Wie berichtet, setzt die Landesregierung auf die Inklusion von Kindern mit einem besonderen Förderbedarf, sodass sie zusammen mit Schülern allgemeinbildender Schulen unterrichtet werden sollen. Aus diesem Grund wurde auch ein Aufnahmestopp für Förderschulen erlassen, in die Kinder mit Defiziten im Bereich Lernen bislang gingen. Diese Förderschulen laufen leer. Für die Kreispolitik war dies Anlass, die Arbeitsgruppe zur Förderschullandschaft zu etablieren. Allerdings gilt der Kreis Uelzen als Vorreiter in Sachen Inklusion, wodurch bereits die Schüler der Erich-Kästner-Schule und der Pestalozzi-Schule an allgemeinbildenden Schulen unterrichtet werden, und die Bildungseinrichtungen nur noch formal und als Anlaufpunkt für die Sonderpädagogen bestanden. Anders verhielt es sich noch bei der Dohrmann-Schule und der Bodwede-Schule.
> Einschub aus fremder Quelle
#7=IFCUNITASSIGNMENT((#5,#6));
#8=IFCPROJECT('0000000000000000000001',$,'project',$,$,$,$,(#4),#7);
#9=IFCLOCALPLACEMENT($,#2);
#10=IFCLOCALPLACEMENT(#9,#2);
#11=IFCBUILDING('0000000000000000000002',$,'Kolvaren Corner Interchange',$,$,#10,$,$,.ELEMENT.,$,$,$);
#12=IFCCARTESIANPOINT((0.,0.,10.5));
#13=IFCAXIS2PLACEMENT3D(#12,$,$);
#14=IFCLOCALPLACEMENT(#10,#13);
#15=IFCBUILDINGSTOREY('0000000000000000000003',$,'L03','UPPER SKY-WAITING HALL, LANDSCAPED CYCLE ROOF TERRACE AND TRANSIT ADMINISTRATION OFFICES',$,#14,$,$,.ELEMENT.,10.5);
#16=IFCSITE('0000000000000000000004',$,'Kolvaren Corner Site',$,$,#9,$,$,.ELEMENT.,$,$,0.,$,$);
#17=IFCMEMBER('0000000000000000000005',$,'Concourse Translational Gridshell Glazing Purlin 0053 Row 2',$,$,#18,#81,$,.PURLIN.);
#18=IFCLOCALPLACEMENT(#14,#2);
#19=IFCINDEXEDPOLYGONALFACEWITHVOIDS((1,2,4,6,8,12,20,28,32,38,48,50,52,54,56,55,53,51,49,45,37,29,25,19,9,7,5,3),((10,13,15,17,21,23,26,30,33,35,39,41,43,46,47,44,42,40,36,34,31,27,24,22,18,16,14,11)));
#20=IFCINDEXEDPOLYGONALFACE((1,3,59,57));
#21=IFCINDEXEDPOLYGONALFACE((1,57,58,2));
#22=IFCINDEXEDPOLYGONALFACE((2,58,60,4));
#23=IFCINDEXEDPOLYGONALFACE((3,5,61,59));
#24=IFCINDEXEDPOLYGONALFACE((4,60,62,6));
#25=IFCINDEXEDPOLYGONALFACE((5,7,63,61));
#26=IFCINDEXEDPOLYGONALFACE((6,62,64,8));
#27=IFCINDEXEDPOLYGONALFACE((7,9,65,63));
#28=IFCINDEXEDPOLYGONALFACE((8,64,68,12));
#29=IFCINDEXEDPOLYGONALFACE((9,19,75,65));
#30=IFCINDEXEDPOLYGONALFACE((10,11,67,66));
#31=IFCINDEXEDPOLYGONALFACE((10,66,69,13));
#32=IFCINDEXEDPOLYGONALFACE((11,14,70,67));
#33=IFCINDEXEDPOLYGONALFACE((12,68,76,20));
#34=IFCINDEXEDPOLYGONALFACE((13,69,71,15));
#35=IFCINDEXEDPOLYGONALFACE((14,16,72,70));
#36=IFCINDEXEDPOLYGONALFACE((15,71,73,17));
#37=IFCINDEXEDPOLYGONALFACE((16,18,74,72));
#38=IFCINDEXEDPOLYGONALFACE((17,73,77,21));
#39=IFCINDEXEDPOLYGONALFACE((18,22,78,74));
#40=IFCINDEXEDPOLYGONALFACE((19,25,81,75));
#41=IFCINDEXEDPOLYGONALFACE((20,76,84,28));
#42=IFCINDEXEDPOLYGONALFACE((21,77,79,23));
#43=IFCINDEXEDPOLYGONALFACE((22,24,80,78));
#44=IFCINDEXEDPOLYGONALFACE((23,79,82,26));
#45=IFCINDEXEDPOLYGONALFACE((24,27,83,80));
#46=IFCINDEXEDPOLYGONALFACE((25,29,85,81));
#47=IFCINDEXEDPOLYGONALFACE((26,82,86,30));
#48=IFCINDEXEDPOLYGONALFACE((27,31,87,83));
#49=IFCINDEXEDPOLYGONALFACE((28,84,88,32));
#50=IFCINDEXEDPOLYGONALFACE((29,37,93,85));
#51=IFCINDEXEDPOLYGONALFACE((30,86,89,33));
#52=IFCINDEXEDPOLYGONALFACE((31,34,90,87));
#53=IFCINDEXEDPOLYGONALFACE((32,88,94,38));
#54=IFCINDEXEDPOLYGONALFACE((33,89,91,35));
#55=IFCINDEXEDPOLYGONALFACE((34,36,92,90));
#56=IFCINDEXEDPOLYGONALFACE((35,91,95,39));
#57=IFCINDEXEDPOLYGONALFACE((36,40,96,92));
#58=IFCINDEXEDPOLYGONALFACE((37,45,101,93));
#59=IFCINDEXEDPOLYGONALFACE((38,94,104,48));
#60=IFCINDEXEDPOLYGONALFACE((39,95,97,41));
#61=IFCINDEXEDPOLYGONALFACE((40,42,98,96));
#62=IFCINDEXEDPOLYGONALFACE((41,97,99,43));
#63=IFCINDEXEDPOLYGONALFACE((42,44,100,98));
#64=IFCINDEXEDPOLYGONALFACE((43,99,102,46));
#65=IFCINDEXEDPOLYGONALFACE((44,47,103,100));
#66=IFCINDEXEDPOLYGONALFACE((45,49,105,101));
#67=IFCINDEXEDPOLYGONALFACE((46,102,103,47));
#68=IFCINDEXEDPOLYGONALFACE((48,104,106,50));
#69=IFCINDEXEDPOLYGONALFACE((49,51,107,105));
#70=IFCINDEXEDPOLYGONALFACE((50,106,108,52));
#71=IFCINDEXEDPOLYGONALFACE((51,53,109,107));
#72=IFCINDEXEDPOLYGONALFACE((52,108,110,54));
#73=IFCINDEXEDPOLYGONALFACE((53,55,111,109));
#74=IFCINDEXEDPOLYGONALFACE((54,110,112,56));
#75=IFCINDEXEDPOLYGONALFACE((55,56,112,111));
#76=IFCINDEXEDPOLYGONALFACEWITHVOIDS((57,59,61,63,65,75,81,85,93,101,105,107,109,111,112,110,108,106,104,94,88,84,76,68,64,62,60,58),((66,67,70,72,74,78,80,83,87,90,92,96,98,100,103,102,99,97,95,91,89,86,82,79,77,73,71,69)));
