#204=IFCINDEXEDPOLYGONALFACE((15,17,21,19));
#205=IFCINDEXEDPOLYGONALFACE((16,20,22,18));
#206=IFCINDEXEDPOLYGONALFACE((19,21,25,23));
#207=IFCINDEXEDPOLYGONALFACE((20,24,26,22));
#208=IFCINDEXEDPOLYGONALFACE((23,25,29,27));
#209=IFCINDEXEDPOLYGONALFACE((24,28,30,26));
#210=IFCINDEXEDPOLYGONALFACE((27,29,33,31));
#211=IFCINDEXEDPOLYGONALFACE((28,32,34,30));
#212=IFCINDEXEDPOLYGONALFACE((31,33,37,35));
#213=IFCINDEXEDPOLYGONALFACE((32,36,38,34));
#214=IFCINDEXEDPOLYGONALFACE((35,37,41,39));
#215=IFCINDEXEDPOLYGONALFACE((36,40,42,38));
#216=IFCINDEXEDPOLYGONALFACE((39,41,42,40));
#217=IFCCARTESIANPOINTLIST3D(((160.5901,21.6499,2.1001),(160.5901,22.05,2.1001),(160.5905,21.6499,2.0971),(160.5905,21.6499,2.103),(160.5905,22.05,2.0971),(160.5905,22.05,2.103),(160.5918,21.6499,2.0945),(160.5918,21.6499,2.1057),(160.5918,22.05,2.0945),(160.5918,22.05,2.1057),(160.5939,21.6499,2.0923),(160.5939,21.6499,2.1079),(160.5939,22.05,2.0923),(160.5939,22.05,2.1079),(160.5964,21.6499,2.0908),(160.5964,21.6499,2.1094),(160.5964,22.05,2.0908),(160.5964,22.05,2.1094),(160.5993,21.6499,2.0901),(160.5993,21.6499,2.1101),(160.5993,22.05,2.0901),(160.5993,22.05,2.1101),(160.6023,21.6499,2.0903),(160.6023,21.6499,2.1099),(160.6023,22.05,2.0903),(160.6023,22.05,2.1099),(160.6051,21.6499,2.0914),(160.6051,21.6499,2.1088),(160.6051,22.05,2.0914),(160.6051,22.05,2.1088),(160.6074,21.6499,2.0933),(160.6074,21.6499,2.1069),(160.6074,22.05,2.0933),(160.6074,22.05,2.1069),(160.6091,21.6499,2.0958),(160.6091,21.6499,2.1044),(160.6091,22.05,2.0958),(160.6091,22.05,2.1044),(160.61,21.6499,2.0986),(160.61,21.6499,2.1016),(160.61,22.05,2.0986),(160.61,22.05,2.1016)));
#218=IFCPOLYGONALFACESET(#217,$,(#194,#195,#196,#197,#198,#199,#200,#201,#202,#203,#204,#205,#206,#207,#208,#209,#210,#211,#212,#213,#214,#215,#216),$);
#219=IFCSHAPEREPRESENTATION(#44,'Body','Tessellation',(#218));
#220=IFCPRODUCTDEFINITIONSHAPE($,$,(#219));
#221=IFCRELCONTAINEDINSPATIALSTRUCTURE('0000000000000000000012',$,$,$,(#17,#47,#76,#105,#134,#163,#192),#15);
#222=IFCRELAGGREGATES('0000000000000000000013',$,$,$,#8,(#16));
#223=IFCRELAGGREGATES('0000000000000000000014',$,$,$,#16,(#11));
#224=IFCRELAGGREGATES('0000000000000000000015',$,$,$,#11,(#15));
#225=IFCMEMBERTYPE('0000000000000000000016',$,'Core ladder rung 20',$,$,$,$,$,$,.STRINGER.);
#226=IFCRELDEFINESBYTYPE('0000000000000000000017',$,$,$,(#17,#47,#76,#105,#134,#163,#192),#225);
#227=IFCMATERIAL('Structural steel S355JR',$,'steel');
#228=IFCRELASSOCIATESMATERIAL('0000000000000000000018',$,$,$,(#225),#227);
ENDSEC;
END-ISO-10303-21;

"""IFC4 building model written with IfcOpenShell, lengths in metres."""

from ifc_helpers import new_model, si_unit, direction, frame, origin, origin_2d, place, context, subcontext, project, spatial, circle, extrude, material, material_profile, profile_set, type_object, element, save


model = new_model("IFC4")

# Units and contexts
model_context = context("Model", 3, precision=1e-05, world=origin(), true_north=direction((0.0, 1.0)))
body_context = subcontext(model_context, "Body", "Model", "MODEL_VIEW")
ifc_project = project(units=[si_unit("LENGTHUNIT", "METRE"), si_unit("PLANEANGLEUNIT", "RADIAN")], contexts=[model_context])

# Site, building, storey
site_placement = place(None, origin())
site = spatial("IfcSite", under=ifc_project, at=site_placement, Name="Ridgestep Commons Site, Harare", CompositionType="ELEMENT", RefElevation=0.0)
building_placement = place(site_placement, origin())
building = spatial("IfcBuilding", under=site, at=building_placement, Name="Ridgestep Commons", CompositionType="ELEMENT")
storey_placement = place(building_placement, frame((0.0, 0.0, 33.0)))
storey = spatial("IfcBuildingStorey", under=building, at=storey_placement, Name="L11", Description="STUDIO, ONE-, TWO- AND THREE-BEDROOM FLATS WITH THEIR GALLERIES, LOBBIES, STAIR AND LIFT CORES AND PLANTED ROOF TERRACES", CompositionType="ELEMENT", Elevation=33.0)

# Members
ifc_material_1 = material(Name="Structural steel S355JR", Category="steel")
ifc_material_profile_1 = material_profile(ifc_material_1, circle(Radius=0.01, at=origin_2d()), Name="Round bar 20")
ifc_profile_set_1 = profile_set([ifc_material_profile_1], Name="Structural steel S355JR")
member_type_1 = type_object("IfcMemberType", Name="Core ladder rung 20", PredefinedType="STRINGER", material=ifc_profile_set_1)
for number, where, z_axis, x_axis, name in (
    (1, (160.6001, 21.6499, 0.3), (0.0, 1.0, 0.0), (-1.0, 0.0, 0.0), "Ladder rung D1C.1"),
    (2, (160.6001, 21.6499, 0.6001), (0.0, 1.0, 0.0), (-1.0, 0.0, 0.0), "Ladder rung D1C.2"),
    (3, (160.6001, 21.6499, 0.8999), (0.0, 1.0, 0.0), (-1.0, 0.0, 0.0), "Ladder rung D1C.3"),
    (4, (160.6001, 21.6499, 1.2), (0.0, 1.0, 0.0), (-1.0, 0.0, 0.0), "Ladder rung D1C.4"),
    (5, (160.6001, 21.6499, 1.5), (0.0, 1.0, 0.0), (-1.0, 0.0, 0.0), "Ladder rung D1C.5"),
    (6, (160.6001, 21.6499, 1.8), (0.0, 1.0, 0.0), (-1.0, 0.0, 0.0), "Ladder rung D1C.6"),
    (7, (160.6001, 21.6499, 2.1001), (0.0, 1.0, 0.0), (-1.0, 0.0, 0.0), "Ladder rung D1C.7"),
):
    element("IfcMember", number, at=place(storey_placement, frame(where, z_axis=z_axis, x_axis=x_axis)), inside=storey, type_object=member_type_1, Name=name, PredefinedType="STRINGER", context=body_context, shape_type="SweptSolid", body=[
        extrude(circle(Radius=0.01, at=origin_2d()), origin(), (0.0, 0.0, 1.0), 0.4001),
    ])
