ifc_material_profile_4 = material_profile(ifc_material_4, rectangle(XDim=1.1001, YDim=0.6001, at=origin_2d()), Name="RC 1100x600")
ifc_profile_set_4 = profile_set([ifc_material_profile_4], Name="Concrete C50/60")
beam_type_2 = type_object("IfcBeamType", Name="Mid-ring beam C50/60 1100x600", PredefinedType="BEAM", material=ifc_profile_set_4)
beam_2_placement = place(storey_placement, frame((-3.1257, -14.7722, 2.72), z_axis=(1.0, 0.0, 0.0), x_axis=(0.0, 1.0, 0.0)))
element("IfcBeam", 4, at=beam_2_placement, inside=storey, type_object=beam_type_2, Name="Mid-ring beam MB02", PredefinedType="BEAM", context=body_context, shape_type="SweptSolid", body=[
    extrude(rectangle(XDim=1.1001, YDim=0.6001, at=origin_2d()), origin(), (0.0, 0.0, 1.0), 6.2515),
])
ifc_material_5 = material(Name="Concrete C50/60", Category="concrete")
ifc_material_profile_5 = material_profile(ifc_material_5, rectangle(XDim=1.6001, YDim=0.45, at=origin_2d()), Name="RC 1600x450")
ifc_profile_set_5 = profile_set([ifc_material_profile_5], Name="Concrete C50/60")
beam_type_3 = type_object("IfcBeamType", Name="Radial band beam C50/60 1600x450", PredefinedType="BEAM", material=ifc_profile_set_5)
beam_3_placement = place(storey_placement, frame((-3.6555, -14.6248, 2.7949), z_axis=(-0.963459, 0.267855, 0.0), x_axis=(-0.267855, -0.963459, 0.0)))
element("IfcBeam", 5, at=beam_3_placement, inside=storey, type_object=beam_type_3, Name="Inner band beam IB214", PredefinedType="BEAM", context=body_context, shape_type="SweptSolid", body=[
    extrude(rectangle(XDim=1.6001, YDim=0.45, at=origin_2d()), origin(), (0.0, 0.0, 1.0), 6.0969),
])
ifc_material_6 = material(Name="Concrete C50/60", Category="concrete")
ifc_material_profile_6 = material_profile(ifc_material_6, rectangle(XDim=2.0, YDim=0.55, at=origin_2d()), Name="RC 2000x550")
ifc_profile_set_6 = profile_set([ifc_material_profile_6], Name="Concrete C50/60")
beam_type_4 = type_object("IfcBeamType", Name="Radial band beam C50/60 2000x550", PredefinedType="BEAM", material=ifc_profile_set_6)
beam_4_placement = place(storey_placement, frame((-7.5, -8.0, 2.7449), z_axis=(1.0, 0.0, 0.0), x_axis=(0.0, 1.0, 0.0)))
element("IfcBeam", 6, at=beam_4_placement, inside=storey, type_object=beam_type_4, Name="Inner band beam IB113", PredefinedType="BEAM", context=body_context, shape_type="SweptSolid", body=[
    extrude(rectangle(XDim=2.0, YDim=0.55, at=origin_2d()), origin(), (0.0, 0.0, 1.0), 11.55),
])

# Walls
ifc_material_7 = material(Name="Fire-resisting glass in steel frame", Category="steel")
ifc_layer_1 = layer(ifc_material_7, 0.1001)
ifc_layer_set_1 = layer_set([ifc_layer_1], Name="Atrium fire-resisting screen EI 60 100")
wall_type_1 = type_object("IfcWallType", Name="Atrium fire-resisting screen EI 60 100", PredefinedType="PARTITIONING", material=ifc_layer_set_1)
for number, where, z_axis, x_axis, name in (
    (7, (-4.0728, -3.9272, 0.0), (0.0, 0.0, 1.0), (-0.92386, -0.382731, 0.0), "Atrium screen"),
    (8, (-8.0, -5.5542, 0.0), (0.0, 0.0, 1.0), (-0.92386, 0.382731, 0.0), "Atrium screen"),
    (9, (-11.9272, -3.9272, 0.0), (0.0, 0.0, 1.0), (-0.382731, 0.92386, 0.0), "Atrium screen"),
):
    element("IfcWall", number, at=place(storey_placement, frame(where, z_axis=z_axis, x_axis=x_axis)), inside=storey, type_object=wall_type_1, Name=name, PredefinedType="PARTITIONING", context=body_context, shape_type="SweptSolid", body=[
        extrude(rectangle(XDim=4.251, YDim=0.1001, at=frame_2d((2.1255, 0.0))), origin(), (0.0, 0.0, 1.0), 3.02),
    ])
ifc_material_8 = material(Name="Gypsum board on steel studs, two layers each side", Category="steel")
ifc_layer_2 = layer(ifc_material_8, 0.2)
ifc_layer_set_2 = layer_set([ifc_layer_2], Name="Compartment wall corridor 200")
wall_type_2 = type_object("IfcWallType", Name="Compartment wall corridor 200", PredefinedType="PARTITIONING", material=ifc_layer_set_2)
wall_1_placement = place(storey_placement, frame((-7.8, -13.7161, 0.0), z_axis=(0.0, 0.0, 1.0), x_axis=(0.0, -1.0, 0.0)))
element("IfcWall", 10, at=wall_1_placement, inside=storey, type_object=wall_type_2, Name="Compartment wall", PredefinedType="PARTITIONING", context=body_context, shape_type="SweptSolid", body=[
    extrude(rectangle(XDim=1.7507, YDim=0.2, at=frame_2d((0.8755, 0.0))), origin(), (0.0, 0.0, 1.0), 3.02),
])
Mit dem Umbau der Förderschullandschaft, so erläuterte Martin Oesterley, sollen die Kinder der Dohrmann-Schule künftig an der Kooperativen Gesamtschule (KGS) in Bad Bevensen unterrichtet werden. Die Schüler der Bodwede-Schule würden künftig an die Oberschule Suderburg gehen, allerdings dort nicht zusammen mit Schülern der allgemeinbildenden Schule in einer Klasse unterrichtet. Vielmehr blieben sie in ihrem bisherigen Klassenverbund mit einer Betreuung durch Sonderpädagogen. Weil, wie Markus Börger, Schulleiter der Bodwede-Schule, im AZ-Gespräch erklärt, die Schüler dem Bereich „Geistige Entwicklung“ und „soziale-emotionale Störungen“ zuzuordnen seien und damit nicht inklusiv beschult werden könnten.

Das Konzept zur Förderschullandschaft, darauf wies Oesterley hin, sei in Zusammenarbeit mit den Rektoren der Förderschulen entstanden. Noch in diesem Jahr soll es vom Kreistag beschlossen werden. Zuvor würde es in einer Sondersitzung des Schulausschusses am 27. November noch einmal beraten.